Dial-up port on laptop and FXO

Hello,

Can the dial-up port available on (old) laptops be considered as a true FXO port (cf for instance 3cx.com/PBX/FXS-FXO.html)?
If yes, (how) can Asterisk manage this port the same way than dedicated FXO ports on external devices, for routing from SIP to PSTN.
My plan is to install Asterisk on one such laptop , so that all calls from registered SIP users be routed to PSTN via the dial-up port connected to one of FXS ports of my ADSL box (which will route back to VoIP , but with private parameters/protocol not available).
Is this idea completely crazy?
Thank you for any suggestion
Best regards

As far as I know the driver support for general voice modems has been withdrawn, even if Linux did support the specific ones on the laptop. In any case, software solutions to the problem of echo cancellation tend to be a long way behind hardware ones.

I’m assuming that there is direct software access to the codecs on the port, and to the loop state information and that the programming model for accessing these has been made public. A self contained, hardware implementation, of a pure modem, would not be usable at all, but cheaper WinModems don’t actually have any modem hardware.

Hello,
Thank you for your reply.
I’m just ignorant on telephony, so be indulgent with me, but it was possible at former time to use a PC/laptop as a phone, using a SW dialer, so I expect the problem of echo cancellation be solved to some extent.
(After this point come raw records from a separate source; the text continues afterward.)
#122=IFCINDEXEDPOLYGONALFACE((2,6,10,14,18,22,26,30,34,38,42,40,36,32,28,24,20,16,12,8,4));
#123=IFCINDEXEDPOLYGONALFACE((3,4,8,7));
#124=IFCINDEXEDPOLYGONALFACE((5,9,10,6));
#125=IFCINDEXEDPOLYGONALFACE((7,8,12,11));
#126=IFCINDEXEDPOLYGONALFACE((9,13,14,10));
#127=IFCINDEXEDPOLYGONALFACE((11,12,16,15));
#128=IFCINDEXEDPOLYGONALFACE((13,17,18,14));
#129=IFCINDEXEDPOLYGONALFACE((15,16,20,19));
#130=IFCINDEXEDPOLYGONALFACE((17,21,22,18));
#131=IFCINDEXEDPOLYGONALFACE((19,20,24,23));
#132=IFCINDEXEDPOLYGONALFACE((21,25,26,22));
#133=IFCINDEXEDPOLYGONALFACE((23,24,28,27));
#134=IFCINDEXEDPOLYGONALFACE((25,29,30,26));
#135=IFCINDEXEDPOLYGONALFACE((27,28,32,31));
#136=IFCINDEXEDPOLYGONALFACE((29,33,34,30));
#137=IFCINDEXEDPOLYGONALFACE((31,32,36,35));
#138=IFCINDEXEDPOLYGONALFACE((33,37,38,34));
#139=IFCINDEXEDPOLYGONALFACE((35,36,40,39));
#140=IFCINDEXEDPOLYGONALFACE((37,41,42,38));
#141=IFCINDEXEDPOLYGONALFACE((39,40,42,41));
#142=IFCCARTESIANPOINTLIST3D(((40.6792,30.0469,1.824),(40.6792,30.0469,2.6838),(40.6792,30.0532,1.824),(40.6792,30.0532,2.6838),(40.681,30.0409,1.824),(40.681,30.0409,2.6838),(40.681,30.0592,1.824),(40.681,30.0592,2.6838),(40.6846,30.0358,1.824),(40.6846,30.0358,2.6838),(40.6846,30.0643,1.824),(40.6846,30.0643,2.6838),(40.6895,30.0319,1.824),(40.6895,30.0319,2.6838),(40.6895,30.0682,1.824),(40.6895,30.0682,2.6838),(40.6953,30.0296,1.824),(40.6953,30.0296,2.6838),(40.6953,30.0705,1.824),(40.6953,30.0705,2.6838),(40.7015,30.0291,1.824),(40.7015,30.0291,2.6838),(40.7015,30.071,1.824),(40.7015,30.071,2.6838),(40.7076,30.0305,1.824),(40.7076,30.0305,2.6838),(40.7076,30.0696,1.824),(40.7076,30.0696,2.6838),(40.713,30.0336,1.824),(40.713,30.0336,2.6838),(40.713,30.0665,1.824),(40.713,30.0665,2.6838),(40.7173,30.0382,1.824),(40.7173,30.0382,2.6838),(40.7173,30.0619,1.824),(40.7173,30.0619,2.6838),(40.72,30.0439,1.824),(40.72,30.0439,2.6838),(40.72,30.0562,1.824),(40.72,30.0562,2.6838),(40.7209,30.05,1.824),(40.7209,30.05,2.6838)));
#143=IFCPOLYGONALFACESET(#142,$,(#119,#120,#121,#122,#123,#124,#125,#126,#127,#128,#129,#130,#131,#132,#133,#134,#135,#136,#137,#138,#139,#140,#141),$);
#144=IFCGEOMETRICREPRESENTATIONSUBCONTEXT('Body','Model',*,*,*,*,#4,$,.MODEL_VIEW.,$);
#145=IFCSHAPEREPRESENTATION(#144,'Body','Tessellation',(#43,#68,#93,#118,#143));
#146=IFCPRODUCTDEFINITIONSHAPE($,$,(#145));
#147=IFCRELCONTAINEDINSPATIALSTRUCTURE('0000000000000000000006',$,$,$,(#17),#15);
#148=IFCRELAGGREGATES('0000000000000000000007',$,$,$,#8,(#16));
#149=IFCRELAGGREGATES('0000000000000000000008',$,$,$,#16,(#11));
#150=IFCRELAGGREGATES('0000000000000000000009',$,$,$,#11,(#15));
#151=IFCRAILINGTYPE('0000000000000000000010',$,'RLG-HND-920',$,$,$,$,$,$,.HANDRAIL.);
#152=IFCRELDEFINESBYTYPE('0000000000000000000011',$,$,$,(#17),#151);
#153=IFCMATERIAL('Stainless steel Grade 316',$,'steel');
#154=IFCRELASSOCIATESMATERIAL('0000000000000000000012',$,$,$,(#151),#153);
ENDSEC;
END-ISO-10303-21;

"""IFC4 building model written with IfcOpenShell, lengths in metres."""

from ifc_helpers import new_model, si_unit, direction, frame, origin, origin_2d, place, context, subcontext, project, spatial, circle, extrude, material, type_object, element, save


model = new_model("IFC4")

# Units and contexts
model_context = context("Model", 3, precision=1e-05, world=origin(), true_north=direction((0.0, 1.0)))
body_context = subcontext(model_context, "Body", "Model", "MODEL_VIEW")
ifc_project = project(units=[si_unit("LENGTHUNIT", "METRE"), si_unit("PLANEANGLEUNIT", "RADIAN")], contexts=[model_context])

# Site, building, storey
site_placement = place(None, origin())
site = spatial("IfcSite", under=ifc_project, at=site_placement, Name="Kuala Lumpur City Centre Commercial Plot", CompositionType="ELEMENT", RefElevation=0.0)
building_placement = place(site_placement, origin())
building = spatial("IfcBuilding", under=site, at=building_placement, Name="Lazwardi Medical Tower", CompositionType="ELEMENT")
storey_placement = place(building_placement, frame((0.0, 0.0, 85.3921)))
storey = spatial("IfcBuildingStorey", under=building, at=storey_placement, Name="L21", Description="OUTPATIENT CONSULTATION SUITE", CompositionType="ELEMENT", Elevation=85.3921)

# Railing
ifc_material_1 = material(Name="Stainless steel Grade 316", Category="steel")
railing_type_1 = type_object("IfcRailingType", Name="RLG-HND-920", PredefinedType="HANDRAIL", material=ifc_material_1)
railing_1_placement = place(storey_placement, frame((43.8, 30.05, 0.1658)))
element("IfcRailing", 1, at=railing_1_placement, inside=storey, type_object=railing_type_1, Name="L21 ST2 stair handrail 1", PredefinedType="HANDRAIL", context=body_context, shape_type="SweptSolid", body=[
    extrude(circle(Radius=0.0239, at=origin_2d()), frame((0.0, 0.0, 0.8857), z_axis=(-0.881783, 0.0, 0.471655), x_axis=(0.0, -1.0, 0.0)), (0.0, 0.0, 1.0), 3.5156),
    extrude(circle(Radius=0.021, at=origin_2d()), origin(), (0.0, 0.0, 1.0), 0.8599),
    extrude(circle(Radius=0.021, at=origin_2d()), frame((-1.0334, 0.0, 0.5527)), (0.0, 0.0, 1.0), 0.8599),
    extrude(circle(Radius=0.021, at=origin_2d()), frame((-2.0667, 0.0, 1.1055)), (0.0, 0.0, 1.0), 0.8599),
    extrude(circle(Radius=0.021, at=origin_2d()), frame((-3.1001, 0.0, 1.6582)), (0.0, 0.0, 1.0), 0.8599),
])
But I understand that even if formally, my idea should be feasible, as nothing is ready in Asterisk for that, I should better forget it. Too bad, no rebirth for my old laptop!
Best regards

If it had voice “modem” capabilities, you would have been using it directly on an analogue, line, so there would be relatively low round trip delay, and echo suppression would not be needed. Once you involve VoIP, the delays are such that echo can be very distracting.